Generally, these qualities are geared toward going beyond the requirements of the job to focus on whether an in-house counsel will be a good fit, professionally and culturally. It can be challenging to "show" these on a resume or during an interview, rather than just saying them. Try to think of brief examples that highlight these traits, and work those examples into your resume or canned interview answers.
Below, you can read about a few of these highly desired traits.
The Business Mindset
If you appear knowledgeable about the company's business, and have experience successfully working in the industry, or a related industry, this can truly be a deciding factor, especially for smaller companies. Even if you don't have specific industry experience, related business experience can be used to show that you are business minded.
If a potential employer believes you can meet the requirements and that you'll be able to help grow the business (and grow with the business), you'll likely be a shoe in.

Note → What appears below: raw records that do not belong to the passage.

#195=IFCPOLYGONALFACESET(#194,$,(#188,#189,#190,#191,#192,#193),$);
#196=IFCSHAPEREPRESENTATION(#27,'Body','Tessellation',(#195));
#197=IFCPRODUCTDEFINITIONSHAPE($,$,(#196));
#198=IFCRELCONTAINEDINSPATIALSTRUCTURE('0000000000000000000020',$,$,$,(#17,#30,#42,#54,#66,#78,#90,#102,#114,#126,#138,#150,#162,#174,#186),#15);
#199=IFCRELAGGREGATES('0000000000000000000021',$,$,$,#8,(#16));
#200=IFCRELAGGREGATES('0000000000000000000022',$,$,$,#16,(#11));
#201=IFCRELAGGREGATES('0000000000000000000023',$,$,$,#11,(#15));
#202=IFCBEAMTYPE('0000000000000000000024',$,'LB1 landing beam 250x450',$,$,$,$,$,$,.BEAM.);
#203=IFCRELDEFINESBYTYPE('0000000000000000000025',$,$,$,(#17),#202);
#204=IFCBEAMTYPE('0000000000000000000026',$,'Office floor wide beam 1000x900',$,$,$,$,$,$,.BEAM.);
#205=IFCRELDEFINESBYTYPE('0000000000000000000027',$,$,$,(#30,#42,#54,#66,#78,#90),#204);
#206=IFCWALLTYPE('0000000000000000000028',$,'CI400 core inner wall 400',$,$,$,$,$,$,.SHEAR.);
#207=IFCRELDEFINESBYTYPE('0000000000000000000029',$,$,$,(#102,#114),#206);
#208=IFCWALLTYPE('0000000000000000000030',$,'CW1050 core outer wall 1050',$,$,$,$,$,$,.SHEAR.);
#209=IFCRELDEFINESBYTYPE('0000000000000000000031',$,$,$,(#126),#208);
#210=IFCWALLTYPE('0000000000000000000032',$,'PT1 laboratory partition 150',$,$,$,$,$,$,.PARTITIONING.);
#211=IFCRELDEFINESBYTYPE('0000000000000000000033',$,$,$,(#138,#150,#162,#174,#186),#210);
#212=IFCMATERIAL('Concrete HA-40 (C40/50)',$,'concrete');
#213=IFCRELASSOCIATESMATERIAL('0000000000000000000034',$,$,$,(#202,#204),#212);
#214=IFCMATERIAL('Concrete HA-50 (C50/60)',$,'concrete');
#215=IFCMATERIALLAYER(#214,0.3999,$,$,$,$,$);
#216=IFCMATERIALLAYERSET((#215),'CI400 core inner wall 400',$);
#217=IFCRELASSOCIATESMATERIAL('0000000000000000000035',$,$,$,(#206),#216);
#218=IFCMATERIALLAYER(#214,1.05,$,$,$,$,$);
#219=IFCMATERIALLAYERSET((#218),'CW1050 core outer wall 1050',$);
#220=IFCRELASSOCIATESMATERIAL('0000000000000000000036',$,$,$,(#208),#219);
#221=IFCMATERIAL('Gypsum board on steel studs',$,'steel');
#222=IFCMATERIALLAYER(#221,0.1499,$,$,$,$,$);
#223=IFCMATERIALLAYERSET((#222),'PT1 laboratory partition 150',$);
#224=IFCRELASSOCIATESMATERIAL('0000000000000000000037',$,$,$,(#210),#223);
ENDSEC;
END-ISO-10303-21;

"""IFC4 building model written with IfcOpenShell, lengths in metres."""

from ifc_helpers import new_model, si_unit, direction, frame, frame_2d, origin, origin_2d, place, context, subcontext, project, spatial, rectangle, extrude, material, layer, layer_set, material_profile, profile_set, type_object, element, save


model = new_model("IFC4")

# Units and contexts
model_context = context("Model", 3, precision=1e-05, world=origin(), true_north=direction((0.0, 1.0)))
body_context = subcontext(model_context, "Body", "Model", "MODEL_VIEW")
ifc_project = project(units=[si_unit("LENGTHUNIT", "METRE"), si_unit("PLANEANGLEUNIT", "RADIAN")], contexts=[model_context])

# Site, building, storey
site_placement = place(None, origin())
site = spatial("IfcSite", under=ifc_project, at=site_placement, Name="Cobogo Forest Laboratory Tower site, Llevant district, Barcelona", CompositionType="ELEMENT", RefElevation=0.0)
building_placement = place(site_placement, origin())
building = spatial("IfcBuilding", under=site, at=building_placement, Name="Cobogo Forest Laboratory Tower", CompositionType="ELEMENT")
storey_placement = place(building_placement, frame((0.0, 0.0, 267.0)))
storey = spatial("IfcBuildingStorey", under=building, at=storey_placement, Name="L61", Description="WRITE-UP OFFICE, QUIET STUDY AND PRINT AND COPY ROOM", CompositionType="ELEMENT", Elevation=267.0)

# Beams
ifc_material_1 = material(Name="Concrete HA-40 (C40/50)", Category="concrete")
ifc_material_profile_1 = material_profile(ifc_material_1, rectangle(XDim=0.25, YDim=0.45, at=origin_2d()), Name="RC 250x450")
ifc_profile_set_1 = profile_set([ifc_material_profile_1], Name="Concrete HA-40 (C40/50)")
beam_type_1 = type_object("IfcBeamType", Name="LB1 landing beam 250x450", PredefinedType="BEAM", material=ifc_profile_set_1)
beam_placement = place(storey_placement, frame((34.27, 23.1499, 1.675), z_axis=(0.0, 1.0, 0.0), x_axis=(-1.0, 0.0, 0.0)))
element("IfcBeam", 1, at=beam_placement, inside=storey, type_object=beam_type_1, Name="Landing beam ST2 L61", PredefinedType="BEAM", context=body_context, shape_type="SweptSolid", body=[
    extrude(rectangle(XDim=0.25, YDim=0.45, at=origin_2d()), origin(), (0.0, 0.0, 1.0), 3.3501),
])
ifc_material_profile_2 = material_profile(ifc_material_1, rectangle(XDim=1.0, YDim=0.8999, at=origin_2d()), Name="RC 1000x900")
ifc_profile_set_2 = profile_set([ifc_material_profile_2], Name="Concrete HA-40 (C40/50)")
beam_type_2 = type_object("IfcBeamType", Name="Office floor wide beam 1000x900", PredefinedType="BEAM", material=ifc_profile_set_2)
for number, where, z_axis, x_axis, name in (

Strong Professional and Social Legal Connections
Finally, those pointless memberships to those pointless associations that hold pointless networking events will pay off (maybe it's not all pointless). Companies want their attorneys to have strong ties to the legal community and practicing attorneys. Having a large and dependable legal network can be great for an employer because you will be able to call on your network when issues arise that you cannot address without at least a consult from a colleague. Also, this can be helpful if you are tasked with selecting outside counsel. This saves you time, and the company money.
Aptitude for Learning
As a litigation or in-house attorney, keeping abreast of legal developments as statutes are passed and cases handed down is important. However, in-house counsel also must keep up to date in the company's industry. As new technologies or best practices emerge, in-house counsel must be ready to adapt.
Showing a potential employer that you have the aptitude to learn and apply new concepts successfully can instill confidence in the potential employer that you will be able to adapt as the world keeps turning, the company grows, and your role changes.